Los ponentes coincidieron en señalar que debe exigirse a ESMA y a las autoridades nacionales unos estándares profesionales elevados y exigentes en conocimientos,  competencias y código de conducta, en base a certificaciones reconocidas, tanto para aquellos que asesoran, como para los que informan sobre productos financieros. Todo ello con la finalidad de dar una respuesta adecuada a las exigencias crecientes de los clientes y para restituir la confianza de los mismos en la industria financiera.

Ferber afirmó que: “No se trata sólo de tener un nivel de preparación común mínimo, sino que debe garantizarse que los asesores financieros tengan un nivel formativo elevado que les proporcione independencia de criterio. Y todo bajo el paraguas de una acreditación profesional reconocida”. Todo esto tiene mayor sentido en un entorno actual de tipos bajos, donde “los inversores comienzan a tomar mayores riesgos en sus inversiones”, concluyó Ferber.

Estas peticiones se enmarcan en el proceso de reelaboración definitiva de las directrices de ESMA sobre el alcance de las exigencias a los asesores financieros en materia de conocimientos y de competencias, los cuales se harán públicos a finales del año.
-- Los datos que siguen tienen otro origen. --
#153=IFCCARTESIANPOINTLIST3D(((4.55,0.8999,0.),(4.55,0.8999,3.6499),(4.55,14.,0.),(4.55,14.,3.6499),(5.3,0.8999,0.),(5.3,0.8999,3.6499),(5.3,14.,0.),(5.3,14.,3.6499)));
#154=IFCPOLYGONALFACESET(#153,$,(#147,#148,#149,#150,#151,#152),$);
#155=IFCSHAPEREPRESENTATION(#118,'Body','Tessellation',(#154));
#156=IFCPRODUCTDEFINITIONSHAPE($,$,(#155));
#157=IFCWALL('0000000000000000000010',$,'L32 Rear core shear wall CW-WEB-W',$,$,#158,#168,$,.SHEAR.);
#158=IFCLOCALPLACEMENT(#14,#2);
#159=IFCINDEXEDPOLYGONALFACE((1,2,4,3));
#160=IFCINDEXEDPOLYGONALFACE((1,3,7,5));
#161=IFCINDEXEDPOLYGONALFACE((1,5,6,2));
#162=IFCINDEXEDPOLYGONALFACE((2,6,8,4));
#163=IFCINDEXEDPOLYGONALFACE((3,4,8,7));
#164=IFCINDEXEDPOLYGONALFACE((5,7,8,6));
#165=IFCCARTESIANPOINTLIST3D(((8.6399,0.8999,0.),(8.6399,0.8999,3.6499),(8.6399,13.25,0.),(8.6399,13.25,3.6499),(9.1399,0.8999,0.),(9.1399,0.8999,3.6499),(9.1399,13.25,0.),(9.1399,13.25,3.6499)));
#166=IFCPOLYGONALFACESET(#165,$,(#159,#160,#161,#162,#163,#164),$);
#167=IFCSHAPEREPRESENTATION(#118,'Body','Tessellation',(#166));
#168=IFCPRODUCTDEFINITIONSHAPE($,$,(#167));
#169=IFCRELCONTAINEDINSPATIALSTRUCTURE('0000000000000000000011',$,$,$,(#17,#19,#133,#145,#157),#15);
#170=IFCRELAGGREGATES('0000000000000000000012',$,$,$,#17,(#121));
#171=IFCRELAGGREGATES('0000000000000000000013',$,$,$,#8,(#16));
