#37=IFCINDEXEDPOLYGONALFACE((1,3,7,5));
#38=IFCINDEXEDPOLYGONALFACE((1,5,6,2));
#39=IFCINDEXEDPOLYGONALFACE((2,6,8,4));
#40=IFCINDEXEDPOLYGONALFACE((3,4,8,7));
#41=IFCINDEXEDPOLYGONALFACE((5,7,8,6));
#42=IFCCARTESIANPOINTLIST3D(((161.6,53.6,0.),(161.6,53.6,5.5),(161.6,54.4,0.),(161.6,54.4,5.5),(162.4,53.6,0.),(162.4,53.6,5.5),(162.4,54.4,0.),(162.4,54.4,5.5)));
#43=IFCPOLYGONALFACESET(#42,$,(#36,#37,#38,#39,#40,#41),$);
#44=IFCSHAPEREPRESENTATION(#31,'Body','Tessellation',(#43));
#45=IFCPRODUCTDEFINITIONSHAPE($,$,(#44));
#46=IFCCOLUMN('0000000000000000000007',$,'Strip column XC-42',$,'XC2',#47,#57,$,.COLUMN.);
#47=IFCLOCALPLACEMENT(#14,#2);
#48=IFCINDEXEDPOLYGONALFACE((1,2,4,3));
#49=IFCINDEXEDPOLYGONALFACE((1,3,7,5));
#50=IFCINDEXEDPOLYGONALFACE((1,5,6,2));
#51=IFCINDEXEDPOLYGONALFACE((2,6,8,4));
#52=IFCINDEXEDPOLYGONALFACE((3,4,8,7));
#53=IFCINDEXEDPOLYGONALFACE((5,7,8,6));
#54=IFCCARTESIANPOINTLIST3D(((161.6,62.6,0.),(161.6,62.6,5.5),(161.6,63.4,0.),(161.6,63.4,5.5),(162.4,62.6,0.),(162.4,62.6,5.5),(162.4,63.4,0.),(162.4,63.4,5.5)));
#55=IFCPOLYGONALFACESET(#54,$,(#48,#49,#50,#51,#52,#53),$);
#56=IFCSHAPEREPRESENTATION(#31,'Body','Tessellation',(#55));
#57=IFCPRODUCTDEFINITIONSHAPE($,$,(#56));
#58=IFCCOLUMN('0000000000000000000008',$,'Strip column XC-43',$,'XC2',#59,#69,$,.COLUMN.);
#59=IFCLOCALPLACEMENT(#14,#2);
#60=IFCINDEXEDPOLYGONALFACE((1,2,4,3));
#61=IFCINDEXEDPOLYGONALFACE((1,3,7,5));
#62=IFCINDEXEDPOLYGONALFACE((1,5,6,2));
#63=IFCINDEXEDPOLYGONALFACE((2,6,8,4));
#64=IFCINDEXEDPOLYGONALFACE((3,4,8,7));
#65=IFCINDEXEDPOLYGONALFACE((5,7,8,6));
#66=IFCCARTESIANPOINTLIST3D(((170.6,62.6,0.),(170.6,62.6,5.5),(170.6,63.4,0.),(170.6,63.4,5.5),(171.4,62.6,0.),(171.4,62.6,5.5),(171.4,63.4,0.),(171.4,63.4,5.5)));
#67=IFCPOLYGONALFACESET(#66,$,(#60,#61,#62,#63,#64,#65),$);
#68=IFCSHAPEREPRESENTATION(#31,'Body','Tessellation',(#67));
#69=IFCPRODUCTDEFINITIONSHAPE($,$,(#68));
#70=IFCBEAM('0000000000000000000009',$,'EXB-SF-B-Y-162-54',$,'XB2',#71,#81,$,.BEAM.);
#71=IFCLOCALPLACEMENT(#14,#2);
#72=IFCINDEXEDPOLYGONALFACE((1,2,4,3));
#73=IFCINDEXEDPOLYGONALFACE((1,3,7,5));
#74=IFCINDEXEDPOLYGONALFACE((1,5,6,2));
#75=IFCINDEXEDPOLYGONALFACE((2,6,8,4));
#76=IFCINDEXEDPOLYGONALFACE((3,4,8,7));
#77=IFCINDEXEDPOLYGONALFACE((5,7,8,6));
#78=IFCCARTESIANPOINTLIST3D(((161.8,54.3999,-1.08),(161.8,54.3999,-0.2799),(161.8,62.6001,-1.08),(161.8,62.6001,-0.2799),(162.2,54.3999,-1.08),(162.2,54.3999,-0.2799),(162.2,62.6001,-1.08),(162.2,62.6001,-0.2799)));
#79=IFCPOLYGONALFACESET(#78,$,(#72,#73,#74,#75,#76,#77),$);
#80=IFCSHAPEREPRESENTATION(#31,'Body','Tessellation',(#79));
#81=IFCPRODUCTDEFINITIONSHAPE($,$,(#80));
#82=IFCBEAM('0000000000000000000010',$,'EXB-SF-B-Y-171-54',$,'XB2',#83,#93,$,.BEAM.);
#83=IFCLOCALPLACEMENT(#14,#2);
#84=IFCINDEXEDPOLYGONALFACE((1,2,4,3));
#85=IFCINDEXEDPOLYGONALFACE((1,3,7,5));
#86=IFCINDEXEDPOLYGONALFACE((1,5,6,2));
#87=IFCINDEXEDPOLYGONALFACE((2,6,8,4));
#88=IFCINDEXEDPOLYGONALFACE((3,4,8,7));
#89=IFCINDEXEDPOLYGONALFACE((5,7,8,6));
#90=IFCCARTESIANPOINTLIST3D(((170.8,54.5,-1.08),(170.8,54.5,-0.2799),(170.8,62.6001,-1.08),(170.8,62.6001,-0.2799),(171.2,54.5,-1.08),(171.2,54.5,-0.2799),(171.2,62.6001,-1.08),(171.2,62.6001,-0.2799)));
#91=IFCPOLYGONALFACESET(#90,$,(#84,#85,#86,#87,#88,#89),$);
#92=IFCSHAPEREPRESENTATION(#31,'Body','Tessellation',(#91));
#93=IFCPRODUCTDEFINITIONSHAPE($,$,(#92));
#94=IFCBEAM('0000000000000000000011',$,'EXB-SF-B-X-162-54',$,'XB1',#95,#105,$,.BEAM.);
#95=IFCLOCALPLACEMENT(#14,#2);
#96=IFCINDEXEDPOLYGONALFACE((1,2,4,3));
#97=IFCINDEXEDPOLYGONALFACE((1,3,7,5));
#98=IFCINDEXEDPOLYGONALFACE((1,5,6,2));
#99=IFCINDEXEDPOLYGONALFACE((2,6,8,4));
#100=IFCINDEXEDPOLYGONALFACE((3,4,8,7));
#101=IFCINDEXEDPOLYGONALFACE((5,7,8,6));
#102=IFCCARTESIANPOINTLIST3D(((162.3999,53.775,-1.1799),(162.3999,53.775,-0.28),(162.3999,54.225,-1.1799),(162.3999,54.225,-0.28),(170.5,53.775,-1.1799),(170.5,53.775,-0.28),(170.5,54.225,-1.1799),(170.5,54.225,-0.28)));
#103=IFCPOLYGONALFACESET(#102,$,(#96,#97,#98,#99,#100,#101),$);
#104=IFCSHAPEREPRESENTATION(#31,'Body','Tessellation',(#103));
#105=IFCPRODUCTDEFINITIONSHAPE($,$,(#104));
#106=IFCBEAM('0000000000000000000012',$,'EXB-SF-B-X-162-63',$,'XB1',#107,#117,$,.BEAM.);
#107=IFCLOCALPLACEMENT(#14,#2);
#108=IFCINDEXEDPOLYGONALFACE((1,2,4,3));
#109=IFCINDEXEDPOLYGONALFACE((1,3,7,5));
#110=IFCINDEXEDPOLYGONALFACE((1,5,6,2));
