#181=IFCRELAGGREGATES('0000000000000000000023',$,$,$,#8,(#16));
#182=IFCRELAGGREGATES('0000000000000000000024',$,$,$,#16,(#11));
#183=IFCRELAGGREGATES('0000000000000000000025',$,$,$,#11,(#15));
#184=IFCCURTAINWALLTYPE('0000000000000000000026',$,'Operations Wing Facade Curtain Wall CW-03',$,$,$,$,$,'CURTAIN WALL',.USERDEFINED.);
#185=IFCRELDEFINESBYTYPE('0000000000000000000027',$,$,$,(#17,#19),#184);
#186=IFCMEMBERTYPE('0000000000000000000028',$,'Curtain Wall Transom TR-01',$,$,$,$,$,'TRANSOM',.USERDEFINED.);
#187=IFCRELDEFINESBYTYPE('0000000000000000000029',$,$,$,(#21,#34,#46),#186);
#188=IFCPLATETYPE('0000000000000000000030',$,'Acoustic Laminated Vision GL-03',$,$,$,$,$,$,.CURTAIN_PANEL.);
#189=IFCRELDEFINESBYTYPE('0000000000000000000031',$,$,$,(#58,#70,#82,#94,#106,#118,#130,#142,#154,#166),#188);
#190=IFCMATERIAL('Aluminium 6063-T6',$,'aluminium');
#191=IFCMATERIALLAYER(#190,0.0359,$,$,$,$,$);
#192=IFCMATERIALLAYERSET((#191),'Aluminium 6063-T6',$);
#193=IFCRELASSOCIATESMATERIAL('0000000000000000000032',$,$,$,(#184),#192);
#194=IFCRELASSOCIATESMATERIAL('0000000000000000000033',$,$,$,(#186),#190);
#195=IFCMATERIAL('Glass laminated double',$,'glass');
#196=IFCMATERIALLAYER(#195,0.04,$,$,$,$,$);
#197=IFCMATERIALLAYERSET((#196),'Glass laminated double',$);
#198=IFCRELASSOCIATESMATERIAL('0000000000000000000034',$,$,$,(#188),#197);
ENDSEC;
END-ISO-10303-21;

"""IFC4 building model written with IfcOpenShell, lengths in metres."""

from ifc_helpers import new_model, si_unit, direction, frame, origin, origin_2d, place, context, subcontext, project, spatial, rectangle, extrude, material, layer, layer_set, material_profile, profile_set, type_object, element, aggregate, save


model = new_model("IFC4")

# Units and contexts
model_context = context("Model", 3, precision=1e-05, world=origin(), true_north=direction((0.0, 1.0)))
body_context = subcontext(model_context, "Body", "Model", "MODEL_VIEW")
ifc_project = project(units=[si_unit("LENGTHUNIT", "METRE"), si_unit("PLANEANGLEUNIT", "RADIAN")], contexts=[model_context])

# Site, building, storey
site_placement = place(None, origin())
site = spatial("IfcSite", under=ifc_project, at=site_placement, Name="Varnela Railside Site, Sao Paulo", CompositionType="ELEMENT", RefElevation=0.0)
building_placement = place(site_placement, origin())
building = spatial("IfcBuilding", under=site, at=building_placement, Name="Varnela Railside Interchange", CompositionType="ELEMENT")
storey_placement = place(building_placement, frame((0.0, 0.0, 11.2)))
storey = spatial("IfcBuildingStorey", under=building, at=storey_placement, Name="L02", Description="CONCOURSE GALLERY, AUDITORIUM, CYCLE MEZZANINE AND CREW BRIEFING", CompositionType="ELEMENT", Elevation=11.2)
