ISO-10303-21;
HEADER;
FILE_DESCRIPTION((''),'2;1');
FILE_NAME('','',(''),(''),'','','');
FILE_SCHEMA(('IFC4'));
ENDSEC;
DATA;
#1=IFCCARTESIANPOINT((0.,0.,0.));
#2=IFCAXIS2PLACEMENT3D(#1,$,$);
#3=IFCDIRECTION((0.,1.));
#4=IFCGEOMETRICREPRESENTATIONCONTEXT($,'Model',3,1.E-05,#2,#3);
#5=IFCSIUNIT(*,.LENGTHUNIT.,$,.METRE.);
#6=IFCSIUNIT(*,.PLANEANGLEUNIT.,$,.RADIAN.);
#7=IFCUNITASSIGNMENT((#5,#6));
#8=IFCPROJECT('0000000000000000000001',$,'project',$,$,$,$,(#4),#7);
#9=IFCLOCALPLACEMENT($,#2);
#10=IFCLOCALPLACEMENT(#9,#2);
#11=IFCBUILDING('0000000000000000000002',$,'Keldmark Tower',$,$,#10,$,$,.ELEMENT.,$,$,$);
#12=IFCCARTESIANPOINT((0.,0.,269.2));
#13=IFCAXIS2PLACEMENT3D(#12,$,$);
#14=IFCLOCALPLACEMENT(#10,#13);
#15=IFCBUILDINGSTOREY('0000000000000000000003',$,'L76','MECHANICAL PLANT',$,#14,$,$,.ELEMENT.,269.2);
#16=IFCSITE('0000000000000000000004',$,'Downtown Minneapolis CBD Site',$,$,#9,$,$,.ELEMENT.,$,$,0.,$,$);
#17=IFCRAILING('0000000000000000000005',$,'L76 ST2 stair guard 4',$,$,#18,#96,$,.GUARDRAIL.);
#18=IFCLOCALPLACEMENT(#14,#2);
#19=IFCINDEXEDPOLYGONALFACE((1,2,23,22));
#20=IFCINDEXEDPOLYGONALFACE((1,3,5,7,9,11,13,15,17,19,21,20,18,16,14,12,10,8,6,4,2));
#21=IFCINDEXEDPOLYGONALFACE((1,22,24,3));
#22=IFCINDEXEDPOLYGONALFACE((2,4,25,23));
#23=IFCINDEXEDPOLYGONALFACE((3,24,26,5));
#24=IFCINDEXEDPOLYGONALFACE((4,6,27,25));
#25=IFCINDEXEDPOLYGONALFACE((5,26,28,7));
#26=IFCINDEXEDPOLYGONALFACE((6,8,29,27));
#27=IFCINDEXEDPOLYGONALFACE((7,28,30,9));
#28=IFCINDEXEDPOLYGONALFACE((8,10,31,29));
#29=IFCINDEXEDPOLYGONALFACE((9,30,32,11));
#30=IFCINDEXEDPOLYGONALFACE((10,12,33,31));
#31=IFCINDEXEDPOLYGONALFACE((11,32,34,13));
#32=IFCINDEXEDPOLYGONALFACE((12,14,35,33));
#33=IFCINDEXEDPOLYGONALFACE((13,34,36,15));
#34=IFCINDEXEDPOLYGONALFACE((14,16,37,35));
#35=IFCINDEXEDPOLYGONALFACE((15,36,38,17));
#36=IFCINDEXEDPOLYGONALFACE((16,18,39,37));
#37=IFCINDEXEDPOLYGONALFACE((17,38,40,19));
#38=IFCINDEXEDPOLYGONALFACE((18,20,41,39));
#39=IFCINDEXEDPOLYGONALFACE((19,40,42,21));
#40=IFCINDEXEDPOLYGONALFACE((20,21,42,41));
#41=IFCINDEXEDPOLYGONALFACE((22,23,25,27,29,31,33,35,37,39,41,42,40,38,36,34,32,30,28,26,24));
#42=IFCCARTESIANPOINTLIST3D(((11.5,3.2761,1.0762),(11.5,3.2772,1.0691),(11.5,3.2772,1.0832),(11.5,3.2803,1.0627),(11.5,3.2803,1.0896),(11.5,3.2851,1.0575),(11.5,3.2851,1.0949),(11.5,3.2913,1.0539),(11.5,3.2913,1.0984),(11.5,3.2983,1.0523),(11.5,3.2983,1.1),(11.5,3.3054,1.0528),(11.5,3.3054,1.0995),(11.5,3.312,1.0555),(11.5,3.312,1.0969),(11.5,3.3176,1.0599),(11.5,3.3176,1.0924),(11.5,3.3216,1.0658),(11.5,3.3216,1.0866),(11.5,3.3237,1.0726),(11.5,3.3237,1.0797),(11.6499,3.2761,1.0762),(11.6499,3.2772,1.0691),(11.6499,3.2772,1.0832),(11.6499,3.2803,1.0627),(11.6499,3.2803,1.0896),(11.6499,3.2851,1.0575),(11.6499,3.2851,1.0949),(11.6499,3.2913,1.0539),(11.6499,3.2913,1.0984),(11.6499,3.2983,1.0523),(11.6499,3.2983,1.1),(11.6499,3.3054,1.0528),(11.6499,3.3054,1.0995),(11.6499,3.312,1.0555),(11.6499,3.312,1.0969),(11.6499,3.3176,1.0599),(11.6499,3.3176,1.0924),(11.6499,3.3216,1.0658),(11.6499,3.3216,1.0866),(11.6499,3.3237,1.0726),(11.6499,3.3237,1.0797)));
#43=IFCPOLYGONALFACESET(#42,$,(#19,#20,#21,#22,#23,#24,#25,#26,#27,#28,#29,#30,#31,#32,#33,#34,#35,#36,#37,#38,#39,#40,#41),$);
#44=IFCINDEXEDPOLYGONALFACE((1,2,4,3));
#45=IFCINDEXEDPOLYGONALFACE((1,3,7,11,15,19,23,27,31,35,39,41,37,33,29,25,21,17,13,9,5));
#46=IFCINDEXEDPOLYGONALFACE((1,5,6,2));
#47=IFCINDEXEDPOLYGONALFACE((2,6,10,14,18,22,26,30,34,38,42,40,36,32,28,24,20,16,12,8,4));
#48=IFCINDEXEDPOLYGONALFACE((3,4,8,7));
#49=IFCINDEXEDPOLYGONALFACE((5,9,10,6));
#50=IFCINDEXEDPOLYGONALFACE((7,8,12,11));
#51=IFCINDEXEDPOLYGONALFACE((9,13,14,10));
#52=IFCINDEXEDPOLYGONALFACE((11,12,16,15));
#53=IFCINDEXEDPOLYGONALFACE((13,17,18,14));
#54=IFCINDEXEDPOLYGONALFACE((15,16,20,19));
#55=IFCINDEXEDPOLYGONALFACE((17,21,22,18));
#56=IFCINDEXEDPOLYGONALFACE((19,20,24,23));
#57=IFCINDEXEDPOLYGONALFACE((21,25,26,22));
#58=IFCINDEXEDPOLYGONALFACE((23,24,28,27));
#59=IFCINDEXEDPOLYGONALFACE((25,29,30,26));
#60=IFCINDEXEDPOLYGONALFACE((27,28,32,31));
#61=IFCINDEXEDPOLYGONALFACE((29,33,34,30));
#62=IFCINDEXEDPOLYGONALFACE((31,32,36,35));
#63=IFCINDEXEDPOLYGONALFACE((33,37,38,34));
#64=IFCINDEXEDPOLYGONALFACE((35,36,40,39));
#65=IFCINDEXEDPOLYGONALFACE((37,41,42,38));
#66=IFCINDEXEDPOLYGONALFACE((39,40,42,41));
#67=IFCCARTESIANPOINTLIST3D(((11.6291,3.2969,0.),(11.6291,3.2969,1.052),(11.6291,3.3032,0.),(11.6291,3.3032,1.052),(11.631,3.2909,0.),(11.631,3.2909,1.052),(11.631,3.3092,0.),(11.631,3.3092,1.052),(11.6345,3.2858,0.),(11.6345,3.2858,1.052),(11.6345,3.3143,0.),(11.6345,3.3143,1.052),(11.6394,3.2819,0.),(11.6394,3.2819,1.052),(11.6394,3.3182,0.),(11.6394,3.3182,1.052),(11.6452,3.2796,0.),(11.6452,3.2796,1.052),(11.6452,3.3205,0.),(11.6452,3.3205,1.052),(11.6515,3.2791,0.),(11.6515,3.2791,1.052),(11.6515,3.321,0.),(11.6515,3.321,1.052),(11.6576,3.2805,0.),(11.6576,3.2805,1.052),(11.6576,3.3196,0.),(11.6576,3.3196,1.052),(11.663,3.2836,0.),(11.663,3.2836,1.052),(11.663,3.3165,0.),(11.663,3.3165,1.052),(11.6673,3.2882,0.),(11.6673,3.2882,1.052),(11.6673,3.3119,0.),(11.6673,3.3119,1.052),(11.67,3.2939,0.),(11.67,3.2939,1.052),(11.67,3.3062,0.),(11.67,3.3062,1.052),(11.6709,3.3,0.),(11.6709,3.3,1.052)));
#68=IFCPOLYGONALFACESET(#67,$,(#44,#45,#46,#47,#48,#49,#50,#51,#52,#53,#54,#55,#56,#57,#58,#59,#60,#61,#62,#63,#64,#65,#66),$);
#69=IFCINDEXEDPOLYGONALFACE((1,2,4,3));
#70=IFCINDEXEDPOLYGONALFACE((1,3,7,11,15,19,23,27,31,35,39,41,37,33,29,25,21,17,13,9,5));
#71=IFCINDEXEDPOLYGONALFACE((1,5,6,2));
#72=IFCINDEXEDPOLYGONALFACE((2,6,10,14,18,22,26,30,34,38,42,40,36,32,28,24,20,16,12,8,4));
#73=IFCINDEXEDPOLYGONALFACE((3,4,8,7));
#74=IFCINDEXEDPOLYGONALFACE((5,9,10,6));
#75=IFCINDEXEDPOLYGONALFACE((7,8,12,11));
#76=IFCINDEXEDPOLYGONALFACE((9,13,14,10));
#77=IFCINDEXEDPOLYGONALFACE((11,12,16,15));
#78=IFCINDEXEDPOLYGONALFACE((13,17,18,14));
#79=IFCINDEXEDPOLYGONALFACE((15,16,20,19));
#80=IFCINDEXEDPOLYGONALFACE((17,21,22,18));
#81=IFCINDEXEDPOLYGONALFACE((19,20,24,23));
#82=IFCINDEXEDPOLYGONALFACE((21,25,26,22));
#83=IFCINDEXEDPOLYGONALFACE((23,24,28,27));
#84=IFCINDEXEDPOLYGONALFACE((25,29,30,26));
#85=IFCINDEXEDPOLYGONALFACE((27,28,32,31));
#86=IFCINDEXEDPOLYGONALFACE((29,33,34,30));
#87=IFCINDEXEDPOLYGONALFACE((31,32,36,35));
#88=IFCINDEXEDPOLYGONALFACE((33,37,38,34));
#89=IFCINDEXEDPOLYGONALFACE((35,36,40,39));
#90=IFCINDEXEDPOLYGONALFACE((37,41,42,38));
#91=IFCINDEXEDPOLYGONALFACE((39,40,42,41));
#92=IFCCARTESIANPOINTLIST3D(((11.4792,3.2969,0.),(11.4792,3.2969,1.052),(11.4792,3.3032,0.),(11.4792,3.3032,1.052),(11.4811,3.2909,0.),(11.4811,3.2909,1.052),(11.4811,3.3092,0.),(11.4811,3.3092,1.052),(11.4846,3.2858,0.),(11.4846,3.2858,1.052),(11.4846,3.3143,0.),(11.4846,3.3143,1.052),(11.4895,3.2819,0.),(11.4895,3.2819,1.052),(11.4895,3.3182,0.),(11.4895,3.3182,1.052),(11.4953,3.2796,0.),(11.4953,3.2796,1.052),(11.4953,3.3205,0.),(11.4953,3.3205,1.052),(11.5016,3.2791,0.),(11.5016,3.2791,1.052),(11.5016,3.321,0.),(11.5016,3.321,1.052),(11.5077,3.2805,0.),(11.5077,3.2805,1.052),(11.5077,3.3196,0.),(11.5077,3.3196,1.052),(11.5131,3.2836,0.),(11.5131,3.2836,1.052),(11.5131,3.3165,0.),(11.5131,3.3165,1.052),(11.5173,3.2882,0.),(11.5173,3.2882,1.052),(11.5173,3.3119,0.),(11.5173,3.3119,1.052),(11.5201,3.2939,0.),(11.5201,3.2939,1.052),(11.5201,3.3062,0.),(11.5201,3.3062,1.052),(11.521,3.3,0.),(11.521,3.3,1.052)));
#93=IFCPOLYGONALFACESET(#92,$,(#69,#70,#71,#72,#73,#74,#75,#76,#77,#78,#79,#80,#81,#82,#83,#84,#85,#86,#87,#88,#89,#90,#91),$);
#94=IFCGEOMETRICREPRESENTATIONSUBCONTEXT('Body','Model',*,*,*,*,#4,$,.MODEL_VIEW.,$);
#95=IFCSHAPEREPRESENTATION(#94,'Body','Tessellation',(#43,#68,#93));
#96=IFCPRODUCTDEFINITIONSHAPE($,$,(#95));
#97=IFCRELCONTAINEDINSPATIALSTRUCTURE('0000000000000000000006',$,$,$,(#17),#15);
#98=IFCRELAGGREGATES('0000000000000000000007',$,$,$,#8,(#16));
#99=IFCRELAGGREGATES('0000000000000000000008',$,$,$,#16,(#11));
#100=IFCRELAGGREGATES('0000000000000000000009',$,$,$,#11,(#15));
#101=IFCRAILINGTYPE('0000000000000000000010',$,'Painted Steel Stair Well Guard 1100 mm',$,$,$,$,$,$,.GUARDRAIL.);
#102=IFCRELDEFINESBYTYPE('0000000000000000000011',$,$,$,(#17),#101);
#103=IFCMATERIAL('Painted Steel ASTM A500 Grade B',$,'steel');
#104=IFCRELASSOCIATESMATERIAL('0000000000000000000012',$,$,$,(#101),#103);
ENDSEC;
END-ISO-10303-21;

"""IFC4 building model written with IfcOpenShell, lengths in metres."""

from ifc_helpers import new_model, si_unit, direction, frame, origin, origin_2d, place, context, subcontext, project, spatial, circle, extrude, material, type_object, element, save


model = new_model("IFC4")

# Units and contexts
model_context = context("Model", 3, precision=1e-05, world=origin(), true_north=direction((0.0, 1.0)))
body_context = subcontext(model_context, "Body", "Model", "MODEL_VIEW")
ifc_project = project(units=[si_unit("LENGTHUNIT", "METRE"), si_unit("PLANEANGLEUNIT", "RADIAN")], contexts=[model_context])

# Site, building, storey
site_placement = place(None, origin())
site = spatial("IfcSite", under=ifc_project, at=site_placement, Name="Downtown Minneapolis CBD Site", CompositionType="ELEMENT", RefElevation=0.0)
building_placement = place(site_placement, origin())
building = spatial("IfcBuilding", under=site, at=building_placement, Name="Keldmark Tower", CompositionType="ELEMENT")
storey_placement = place(building_placement, frame((0.0, 0.0, 269.2)))
storey = spatial("IfcBuildingStorey", under=building, at=storey_placement, Name="L76", Description="MECHANICAL PLANT", CompositionType="ELEMENT", Elevation=269.2)

# Railing
ifc_material_1 = material(Name="Painted Steel ASTM A500 Grade B", Category="steel")
railing_type_1 = type_object("IfcRailingType", Name="Painted Steel Stair Well Guard 1100 mm", PredefinedType="GUARDRAIL", material=ifc_material_1)
railing_1_placement = place(storey_placement, frame((11.6499, 3.3, 0.0)))
element("IfcRailing", 1, at=railing_1_placement, inside=storey, type_object=railing_type_1, Name="L76 ST2 stair guard 4", PredefinedType="GUARDRAIL", context=body_context, shape_type="SweptSolid", body=[
    extrude(circle(Radius=0.0239, at=origin_2d()), frame((0.0, 0.0, 1.0762), z_axis=(-1.0, 0.0, 0.0), x_axis=(0.0, -1.0, 0.0)), (0.0, 0.0, 1.0), 0.1499),
    extrude(circle(Radius=0.021, at=origin_2d()), origin(), (0.0, 0.0, 1.0), 1.052),
    extrude(circle(Radius=0.021, at=origin_2d()), frame((-0.1499, 0.0, 0.0)), (0.0, 0.0, 1.0), 1.052),
])

save(model, "model.ifc")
Para EFPA, “resulta fundamental que ESMA defina claramente el rol del asesor, distinga entre las tareas llevadas a cabo por un comercial y un asesor y que incluya ciertos requerimientos en torno al conocimiento y competencias de estos dos tipos de profesionales financieros”.

EFPA Europa y ESMA coinciden en que hay que diferenciar claramente entre asesores y comerciales: A los primeros se les debe exigir experiencia profesional de 5 años consecutivos en la fecha de aplicación de estas directrices para desempeñar sus funciones, periodo que descendería a 3 años para los meros comerciales. También son partidarios de que la intensidad de conocimientos y cualificación de los asesores debe ser más alta que la de los meros proveedores de información, por su mayor responsabilidad en la protección del cliente.